Additionally, despite evidence of the importance of accounting for pattern of consumption [74], MR studies are limited in their ability to do so [73], and only one cohort study [48] used drinking pattern as the exposure, rather than volume alone (or volume and frequency separately). Finally, several of the included studies evaluated alcohol’s relationship with condition-specific disability pension, rather than the condition itself. This is an imperfect proxy, with receipt of pension also reflecting the interference of the disease with one’s ability to work, as well as incentive to apply [57]. Given that all included studies evaluating musculoskeletal health used disability pension as a proxy, findings with respect to these outcomes should be interpreted with caution.

Future directions

This review has identified clear gaps in alcohol–long-term health research, demonstrating great potential for further application of enhanced causal inference methods. Analysis methods such as MSMs are particularly promising as they do not require the establishment of twin registries or large genetic datasets, but are able to mitigate confounding, differential censoring and misclassification. And as evidenced by studies included in this review, they are suitable for examining alcohol–long-term health relationships.

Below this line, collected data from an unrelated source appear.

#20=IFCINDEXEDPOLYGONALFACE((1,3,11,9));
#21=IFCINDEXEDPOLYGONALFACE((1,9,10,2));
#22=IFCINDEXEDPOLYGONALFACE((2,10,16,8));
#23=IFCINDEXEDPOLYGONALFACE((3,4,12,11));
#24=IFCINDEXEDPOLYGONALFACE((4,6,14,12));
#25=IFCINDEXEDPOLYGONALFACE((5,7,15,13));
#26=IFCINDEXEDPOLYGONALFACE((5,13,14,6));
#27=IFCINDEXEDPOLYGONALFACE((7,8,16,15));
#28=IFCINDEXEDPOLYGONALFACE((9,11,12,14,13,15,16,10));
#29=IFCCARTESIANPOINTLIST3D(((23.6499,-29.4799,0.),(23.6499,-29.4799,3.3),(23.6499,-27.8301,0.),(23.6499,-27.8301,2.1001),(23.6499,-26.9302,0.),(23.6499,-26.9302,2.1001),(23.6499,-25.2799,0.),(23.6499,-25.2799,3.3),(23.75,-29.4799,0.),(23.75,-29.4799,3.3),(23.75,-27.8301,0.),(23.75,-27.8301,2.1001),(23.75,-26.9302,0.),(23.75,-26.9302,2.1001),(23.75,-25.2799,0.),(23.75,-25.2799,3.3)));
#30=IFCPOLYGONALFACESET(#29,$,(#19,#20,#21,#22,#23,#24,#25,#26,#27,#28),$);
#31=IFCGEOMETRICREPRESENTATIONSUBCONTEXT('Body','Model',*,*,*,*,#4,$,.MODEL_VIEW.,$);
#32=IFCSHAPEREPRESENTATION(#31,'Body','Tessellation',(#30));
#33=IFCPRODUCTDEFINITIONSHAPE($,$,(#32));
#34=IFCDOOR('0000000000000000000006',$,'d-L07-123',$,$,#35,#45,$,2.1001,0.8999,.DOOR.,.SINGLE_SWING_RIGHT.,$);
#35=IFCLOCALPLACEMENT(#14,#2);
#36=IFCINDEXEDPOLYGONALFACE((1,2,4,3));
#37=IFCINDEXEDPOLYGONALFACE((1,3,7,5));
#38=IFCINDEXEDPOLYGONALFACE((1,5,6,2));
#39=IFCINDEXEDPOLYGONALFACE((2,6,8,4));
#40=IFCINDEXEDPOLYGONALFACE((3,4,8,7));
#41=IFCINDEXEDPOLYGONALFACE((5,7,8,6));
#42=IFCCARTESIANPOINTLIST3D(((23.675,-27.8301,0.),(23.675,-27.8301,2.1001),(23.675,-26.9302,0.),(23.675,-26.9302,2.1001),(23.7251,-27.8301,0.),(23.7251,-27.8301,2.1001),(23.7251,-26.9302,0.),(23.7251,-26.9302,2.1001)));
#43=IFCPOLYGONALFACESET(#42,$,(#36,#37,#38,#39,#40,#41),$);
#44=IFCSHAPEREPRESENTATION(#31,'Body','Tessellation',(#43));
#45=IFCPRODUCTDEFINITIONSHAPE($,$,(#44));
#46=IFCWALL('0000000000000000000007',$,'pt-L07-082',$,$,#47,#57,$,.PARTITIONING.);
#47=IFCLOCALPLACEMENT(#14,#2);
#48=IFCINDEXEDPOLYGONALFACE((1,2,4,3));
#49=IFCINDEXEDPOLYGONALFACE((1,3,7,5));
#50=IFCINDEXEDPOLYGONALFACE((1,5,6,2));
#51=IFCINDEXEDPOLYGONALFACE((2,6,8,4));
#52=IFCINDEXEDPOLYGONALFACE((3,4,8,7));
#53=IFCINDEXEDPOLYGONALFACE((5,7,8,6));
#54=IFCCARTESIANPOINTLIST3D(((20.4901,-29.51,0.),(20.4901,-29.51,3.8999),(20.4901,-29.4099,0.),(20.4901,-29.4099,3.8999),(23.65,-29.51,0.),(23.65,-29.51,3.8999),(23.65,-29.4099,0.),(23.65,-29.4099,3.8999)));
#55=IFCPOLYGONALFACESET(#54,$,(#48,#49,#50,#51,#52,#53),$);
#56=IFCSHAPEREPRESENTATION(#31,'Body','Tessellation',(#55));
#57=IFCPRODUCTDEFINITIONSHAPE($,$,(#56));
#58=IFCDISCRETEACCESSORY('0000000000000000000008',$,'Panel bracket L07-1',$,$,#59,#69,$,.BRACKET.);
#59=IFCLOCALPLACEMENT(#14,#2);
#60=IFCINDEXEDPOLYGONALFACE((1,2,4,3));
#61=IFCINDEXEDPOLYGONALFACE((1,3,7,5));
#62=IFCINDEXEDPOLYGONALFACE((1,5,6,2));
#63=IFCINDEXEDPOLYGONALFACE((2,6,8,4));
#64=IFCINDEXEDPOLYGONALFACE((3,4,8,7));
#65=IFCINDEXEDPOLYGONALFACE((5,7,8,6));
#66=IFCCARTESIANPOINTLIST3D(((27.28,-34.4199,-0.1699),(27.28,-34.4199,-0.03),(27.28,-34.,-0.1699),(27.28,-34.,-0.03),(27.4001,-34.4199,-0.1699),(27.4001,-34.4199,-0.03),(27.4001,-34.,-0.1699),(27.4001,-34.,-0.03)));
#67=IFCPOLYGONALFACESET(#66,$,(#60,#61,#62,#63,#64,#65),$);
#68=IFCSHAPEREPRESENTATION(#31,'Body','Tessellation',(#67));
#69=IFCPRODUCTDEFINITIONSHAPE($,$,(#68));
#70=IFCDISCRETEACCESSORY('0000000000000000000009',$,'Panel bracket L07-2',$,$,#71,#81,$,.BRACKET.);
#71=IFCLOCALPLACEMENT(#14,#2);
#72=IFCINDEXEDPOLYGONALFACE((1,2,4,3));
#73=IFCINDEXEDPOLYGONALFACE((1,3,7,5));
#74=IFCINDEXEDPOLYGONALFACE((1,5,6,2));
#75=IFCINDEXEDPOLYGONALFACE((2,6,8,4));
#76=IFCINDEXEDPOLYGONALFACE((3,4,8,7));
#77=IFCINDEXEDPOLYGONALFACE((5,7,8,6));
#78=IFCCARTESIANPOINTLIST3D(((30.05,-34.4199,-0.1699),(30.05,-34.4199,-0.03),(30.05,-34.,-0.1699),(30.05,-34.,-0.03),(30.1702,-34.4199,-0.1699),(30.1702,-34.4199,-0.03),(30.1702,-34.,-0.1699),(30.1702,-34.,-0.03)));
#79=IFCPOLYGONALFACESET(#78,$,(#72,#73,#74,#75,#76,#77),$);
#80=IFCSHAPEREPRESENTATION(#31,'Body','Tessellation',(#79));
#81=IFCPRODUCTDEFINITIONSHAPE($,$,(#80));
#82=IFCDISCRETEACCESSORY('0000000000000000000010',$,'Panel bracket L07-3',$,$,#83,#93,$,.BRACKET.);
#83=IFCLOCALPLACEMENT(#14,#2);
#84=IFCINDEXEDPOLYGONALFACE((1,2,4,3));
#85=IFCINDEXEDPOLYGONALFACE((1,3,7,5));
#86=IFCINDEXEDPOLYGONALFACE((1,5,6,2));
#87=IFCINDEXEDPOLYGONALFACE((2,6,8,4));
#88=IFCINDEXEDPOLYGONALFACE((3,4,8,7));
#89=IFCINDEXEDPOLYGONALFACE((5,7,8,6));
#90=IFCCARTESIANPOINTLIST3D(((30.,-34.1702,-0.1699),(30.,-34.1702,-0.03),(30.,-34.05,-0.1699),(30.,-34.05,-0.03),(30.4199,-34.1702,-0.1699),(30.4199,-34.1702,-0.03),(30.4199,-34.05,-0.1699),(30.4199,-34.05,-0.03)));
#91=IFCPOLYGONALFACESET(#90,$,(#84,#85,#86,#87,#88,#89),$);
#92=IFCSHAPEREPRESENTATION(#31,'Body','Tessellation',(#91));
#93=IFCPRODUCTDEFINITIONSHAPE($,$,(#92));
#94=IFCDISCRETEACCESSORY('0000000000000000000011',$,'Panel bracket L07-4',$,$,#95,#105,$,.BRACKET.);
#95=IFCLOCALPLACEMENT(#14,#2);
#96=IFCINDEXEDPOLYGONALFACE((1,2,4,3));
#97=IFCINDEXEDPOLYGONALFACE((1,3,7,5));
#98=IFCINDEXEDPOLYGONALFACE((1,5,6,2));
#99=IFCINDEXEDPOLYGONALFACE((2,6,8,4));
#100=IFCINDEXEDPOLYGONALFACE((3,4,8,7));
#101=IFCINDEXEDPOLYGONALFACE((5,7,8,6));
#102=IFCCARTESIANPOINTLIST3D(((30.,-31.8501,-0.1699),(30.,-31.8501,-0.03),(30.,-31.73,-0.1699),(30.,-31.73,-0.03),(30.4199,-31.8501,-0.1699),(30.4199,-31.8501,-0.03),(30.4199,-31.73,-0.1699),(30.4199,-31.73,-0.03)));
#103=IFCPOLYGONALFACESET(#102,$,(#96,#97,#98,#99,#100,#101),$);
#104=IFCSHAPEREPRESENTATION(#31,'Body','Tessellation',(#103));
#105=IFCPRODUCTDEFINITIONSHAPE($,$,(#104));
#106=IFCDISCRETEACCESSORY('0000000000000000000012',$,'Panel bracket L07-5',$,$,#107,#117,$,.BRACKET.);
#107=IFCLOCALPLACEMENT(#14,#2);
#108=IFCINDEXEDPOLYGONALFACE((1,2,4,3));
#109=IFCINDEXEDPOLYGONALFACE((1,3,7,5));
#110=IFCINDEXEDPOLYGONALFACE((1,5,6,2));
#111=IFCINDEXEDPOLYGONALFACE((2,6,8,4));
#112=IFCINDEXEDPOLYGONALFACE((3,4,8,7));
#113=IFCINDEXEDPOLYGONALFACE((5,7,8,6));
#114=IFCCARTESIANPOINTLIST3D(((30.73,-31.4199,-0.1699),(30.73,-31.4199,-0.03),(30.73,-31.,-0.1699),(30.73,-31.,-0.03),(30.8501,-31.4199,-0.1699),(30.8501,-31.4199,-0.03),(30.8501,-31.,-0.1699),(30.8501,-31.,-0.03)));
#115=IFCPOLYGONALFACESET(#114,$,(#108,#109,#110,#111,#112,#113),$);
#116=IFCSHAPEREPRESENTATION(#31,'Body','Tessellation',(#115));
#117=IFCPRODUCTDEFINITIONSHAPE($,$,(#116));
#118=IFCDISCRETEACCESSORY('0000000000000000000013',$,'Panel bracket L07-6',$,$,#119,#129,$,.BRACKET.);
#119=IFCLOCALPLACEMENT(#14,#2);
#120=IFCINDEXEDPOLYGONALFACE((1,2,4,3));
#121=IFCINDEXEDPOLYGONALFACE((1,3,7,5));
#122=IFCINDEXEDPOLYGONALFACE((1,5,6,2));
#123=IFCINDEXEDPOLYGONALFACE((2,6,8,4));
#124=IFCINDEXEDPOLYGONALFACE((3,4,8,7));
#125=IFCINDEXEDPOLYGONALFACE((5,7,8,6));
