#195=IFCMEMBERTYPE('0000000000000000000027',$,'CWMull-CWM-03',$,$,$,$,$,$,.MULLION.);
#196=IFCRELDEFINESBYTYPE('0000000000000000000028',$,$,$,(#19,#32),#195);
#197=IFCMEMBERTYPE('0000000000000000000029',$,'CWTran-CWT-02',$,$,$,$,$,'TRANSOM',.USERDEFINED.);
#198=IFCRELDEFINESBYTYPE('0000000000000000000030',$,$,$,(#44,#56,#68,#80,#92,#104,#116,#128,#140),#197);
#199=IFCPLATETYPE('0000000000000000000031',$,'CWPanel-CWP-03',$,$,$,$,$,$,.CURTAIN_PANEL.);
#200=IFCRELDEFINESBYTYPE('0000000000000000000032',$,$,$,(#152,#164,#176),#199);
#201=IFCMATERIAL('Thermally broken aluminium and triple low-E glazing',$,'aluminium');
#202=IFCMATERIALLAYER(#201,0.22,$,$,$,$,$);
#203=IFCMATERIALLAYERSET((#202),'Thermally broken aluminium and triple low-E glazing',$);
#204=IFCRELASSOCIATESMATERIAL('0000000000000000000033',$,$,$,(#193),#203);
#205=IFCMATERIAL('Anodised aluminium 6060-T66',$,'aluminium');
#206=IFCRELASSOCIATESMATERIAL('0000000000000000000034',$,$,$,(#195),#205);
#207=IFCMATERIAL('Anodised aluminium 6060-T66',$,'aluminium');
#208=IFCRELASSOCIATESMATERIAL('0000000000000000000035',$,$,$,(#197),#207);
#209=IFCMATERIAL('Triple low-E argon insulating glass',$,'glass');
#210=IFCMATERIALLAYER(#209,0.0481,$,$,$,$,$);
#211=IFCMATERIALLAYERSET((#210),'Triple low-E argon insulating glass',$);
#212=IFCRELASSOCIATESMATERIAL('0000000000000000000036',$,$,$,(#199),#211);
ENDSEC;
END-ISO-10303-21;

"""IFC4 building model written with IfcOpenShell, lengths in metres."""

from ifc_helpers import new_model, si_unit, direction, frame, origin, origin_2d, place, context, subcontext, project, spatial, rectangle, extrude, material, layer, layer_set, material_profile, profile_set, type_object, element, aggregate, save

Analysis and design approaches that mitigate confounding should be combined with sensitivity analyses such as multiverse analyses (to quantify robustness to data processing/analysis decisions) [75], as well as bias analyses such as e-value generation (to quantify robustness to unmeasured confounding) [76]. Given the unique advantages and limitations of each analytical and design-based approach, triangulation of findings across observational evidence is crucial. Combining data across studies through data harmonization techniques should also be considered to mitigate power issues, which were evident in several included studies with rare exposure–outcome combinations. Finally, while acknowledging the limitations of the included studies, the identification of some evidence consistent with causal protective effects of light-to-moderate alcohol consumption for several health outcomes justifies further exploration of the biological mechanisms that could underpin these (potential) effects. This is particularly true of those outcomes for which findings were concordant with the broader observational literature (see Table 3).

Conclusions

This novel review found that, when enhanced causal inference approaches are applied, a variety of functional forms – including linear, J-shaped, and no relationship – are found between alcohol consumption and various long-term health outcomes. However, few studies have employed these methods, with covariate-adjusted, conventional cohort analyses remaining dominant, preventing a conclusive picture of the nature of these relationships from emerging. Given that associations found between moderate alcohol consumption and good health impact safe drinking guidelines and public health policy [77, 78], further research employing methods to mitigate confounding and other biases is urgently required to establish whether such findings are truly causal.